Slow magnetic relaxation in a complex of photochromic spiropyran in a merocyanine form and cobalt(ii) hexafluoroacetylacetonate

Abstract

The interaction between photochromic 8-methoxy-1′,3′,3′-trimethyl-6-nitro-spiro[chromene-2,2′-indole] (MNSP) and cobalt(II) hexafluoroacetylacetonate yields a deep red-violet solution due to the coordination-induced transition of MNSP from a colorless closed state to a colored open merocyanine (MC) form.
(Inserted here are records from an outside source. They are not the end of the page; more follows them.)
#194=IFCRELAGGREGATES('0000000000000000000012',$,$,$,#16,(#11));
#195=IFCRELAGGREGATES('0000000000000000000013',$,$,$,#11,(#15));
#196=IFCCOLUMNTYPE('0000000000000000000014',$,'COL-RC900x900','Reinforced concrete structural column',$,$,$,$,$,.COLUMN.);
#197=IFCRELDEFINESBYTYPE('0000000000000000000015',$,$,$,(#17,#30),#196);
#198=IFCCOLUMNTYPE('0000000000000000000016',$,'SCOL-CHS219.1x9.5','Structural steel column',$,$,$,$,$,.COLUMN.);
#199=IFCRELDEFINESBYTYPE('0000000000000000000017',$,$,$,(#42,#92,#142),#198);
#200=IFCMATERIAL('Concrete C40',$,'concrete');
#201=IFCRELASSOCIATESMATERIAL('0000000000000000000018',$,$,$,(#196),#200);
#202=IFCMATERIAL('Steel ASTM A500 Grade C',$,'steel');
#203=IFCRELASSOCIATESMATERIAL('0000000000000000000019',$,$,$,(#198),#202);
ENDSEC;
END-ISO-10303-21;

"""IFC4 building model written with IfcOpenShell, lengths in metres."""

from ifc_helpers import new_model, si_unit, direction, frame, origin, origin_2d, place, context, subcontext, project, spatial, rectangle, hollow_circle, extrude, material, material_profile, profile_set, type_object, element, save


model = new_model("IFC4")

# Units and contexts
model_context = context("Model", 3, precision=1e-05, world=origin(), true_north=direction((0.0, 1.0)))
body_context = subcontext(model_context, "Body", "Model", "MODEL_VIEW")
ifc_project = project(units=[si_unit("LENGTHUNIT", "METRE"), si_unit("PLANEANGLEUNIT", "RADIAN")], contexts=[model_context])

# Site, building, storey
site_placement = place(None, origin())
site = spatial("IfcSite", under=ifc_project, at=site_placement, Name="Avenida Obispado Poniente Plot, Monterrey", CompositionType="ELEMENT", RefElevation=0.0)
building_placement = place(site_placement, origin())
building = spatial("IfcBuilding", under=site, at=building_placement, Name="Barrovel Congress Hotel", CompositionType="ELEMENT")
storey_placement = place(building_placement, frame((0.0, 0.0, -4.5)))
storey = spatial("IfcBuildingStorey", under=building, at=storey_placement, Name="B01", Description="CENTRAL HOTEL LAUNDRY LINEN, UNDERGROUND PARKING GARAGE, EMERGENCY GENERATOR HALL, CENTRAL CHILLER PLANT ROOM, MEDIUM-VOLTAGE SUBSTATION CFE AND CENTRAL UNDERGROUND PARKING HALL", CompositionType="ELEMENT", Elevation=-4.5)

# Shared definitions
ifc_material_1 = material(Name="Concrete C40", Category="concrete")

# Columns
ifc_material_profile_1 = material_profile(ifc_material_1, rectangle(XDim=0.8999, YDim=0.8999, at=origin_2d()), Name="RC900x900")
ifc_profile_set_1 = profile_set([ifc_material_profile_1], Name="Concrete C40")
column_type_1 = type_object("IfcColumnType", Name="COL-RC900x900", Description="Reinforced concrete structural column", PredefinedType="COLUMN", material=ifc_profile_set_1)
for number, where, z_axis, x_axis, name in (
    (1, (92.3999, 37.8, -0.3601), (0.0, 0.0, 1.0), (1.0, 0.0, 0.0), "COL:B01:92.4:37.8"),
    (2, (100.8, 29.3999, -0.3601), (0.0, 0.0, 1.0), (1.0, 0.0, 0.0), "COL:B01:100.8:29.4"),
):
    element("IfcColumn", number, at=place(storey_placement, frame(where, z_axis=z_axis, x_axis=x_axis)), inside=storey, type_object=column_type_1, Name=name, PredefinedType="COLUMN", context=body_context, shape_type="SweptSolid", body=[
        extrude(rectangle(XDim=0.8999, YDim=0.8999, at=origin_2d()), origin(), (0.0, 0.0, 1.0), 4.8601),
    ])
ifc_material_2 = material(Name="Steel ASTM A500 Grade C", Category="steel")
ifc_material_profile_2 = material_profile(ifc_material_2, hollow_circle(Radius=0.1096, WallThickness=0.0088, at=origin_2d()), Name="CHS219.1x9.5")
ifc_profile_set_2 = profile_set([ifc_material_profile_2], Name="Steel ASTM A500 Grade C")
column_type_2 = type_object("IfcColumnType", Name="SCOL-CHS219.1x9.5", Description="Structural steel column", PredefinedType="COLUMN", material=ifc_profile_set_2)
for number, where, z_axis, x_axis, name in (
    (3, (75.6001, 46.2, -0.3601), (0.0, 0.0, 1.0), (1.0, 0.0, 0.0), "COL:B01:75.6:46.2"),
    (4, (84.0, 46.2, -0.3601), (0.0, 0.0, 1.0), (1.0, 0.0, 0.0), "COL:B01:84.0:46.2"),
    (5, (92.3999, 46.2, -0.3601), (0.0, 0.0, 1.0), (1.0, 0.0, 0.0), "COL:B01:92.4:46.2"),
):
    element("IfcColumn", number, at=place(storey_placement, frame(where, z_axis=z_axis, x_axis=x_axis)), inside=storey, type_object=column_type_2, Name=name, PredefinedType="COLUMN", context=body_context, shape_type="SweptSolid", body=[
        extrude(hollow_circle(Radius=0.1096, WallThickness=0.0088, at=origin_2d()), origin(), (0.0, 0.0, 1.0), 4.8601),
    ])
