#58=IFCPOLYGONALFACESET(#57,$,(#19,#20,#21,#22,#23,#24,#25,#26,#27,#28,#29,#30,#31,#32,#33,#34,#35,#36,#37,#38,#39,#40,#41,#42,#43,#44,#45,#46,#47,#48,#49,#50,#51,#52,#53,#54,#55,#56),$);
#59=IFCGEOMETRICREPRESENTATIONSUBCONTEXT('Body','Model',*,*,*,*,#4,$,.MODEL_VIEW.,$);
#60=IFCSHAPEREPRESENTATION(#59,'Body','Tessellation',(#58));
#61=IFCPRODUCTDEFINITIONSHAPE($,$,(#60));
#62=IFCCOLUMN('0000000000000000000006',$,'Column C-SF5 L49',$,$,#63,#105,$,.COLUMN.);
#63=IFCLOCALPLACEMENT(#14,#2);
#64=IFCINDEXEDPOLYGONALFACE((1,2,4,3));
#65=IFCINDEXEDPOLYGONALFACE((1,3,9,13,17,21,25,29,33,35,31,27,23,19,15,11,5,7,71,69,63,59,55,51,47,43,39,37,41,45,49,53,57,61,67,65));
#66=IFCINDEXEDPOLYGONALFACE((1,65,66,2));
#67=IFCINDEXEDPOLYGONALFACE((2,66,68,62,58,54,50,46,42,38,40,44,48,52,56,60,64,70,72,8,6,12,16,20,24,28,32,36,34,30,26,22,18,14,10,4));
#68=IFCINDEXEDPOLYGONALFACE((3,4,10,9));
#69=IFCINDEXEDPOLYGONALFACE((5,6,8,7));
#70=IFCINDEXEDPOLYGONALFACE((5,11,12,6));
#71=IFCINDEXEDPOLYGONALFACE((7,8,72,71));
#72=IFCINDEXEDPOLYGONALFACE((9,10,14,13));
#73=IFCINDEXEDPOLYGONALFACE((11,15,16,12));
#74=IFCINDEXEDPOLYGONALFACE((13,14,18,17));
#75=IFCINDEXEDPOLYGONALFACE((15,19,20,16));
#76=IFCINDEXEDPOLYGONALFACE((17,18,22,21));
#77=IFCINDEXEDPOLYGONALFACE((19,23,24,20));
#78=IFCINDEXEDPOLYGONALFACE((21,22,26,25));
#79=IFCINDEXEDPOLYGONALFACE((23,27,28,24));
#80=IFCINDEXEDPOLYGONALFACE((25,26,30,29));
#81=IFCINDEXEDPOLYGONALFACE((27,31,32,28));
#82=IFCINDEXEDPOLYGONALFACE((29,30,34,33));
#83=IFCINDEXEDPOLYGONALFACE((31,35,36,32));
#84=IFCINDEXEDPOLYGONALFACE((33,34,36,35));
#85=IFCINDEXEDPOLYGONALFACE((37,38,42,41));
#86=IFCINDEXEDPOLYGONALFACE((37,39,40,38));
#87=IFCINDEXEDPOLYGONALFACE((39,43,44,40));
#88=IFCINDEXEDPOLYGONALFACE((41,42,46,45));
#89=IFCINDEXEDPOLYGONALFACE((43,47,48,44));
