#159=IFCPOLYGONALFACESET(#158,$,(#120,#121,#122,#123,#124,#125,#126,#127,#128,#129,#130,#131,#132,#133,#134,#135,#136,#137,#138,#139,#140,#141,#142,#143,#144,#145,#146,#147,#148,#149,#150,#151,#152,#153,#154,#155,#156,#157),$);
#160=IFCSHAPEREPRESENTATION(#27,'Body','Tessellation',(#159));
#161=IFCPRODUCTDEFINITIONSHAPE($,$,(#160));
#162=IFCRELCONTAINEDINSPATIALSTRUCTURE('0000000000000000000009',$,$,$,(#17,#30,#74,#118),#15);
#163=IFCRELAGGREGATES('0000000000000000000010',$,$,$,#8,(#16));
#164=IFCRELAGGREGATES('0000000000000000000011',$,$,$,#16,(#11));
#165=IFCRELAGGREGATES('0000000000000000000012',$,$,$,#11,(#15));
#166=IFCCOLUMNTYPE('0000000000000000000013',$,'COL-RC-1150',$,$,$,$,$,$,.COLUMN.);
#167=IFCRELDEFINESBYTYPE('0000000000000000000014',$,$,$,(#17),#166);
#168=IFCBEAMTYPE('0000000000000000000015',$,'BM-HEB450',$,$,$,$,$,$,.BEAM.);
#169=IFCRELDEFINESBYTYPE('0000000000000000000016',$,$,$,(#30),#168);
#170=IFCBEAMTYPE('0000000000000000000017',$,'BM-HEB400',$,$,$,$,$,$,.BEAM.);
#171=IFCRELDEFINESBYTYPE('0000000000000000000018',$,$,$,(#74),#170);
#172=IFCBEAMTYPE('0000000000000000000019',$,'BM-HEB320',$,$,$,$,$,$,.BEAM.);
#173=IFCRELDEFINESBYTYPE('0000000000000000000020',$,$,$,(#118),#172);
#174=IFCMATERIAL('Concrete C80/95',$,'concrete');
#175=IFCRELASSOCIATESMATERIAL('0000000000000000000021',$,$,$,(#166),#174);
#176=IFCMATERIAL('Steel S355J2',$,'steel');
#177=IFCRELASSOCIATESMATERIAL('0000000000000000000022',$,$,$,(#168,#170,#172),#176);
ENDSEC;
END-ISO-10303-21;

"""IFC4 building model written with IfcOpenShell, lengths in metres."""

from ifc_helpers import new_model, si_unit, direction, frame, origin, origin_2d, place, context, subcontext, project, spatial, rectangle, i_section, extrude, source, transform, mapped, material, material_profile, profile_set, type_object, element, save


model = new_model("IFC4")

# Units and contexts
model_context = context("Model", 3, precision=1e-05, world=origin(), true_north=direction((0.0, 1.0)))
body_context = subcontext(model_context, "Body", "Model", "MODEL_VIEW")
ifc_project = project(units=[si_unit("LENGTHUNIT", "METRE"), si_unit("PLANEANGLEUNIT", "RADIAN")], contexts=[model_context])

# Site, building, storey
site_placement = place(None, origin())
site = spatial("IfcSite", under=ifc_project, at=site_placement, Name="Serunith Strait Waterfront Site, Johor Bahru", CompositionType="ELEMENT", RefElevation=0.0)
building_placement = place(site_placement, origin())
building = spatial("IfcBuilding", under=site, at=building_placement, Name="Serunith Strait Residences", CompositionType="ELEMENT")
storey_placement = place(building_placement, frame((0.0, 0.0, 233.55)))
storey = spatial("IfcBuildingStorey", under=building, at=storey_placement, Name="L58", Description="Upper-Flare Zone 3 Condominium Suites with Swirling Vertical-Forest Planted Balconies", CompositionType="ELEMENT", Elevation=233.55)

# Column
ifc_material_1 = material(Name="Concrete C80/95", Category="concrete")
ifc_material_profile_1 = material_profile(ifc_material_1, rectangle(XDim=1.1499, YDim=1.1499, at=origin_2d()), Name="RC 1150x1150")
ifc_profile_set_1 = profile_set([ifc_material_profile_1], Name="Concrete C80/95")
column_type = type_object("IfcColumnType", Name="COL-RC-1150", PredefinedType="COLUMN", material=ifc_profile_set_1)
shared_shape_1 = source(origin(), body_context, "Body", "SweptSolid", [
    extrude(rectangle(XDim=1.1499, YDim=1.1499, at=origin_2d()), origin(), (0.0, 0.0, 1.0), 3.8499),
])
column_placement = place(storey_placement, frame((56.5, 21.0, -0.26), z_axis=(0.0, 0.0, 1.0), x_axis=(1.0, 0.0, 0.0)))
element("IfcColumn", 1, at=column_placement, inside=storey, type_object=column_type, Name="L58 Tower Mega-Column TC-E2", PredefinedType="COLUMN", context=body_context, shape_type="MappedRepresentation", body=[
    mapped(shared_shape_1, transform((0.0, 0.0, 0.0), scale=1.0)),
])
The resulting complex {Co^II(hfac)₂·MNSP} (1) is obtained as crystals, and its structure at 250 K shows the coordination of two oxygen atoms from MNSP with Co^II, forming a distorted octahedral surrounding around Co^II. The unit cell of 1 contracts below 170 K by 5.5%, which is accompanied by shortening O–Co bonds and altering O–Co–O angles in the structure solved at 150 K. The χ_MT value of 3.06 emu K mol⁻¹ at 300 K indicates the formation of high-spin Co^II (S = 3/2) with a large orbital contribution characteristic of the octahedral surrounding. The contraction of the unit cell of 1 below 170 K provides a reversible 2.2% change of χ_MT in the 170–160 K range during heating and cooling regimes without hysteresis. The electron paramagnetic resonance signal of 1 was simulated with g-values of g_x = 2.342, g_y = 2.364, and g_z = 2.084, and an isotropic g-factor of 2.267. The temperature-dependent χ_MT and field-dependent magnetization of 1 allow us to determine a positive zero-field splitting parameter of +20.1 cm⁻¹. A study of the dynamic properties of 1 shows slow magnetic relaxation for Co^II in a static field of 1000 Oe. Magnetic hysteresis loops were observed for 1 at 0.5 and 2 K; these loops are closed in the zero field region but opened at fields higher than ±100 and 700 Oe, respectively. The collapse of the loop is observed at 5 K. Excitation of the solution of 1 with green light decreases partially the intensity of the bands of the complex, whereas subsequent exposure of this solution to UV light partially restores these intensities.